Much of the structure and function of nucleic acids revolves around the concept of base complementarity. DNA and RNA molecules are not able to bind at random with one another, or even flexibly, as in the case of protein interactions, rather a specific set of patterns called based complementary governs how nucleic acids behave.

The five nucleobases, adenine, cytosine, guanine, thymine and uracil contain nitrogen and oxygen atoms, as well as carbon and hydrogen atoms. These nitrogen and oxygen atoms lead to specific parts of the molecules having certain charges, which wouldn't be the case in purely carbon and hydrogen containing molecules. These specific charges mean that there is the presence of opposite charges between specific molecules. This is base complementarity.

The guanine and cytosine molecules are each able to form three intermolecular interactions between each other. Meanwhile adenine and thymine (or uracil) are only able to form two interactions (Figure 1). These interactions are specific, and only occur between one of each of these molecules, due to the specific charge patterns each molecule contains.
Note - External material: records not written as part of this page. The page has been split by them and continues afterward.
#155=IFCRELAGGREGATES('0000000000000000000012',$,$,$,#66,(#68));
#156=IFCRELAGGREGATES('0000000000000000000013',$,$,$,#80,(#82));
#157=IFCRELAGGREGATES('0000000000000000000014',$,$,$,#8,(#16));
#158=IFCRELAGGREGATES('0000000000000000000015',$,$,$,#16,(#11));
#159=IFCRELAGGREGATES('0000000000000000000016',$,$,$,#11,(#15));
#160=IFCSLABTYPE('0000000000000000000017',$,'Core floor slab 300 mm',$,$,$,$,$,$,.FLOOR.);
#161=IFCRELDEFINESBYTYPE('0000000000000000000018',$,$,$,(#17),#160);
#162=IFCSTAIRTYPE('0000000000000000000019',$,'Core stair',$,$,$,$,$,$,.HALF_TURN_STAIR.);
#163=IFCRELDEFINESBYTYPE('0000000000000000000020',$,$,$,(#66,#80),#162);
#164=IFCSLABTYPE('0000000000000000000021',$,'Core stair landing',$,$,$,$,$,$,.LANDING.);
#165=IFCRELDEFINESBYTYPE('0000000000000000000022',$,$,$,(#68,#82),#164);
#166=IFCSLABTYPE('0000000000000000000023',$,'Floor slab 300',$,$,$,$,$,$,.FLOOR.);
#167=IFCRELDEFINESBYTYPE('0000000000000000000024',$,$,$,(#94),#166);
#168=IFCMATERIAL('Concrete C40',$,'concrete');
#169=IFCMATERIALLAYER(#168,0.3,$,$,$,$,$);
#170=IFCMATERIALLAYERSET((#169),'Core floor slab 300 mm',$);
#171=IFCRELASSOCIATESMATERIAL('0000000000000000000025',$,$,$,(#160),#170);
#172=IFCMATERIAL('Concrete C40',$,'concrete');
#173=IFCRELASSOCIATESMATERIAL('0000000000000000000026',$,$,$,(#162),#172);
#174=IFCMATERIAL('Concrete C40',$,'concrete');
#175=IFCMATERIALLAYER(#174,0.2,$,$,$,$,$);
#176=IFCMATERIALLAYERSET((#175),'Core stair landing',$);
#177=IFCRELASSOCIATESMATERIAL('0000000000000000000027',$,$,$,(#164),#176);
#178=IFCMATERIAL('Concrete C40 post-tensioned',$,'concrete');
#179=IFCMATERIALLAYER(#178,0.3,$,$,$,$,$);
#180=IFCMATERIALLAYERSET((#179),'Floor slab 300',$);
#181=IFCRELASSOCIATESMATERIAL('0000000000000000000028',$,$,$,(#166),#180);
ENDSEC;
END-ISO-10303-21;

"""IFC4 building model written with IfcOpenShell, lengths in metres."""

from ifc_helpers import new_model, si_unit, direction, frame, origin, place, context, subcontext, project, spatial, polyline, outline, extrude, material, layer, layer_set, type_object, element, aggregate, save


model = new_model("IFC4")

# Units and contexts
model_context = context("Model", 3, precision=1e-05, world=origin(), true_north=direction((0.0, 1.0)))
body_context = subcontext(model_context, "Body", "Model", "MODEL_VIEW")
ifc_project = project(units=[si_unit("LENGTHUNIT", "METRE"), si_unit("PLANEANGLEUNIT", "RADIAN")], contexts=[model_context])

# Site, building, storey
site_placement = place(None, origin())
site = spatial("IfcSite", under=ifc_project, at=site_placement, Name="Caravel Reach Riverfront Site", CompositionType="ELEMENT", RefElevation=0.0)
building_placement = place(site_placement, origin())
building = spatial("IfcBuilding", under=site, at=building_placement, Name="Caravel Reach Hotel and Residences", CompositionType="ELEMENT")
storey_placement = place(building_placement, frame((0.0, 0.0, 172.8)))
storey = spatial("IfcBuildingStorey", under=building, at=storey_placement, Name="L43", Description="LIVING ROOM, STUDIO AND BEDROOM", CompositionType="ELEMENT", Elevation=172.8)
Figure 1: Complementary base pairing between nucleobases found in DNA and RNA. From left to right, between adenine and thymine (found only in DNA), between adenine and uracil (found only in RNA), and between cytosine and guanine (which is found in both DNA and RNA). These pairings are referred to by the abbreviations AT, AU and CG, from the letters of the nucleobases involved. Because of the differences in charges in the atoms in the molecules, these pairings are specific, and the nucleobases will pair in this way. The AT and AU pairings only have two interactions while the CG pairing has three, thus the AT and AU pairings are often called weak bonds, while the CG pairings are called strong bonds.

This base complementary, through opposite charge attraction, is the basis behind much nucleic acid chemistry. Base complementary dictates how DNA is transcribed into mRNA, as nucleotides will be incorporated into the mRNA in accordance with base complementary to the template DNA. Similar the process of protein translation involves mRNA binding in a complementary manner to tRNA. DNA replication, whether in vivo, or in processes such as polymerase chain reaction, similarly involves nucleotides being incorporated into the new DNA molecule on the basis of base complementary.

Occasionally base complementary can fail and nucleic acids can be misincorporated. When this happens, which it can do occasionally, it gives rise to genetic variants, which depending on the organism, may be corrected by proofreading enzymes. Although some organisms such as HIV do not have any proofreading activity, and seek to maximize the amount of genetic variance they have as part of their evolutionary strategy.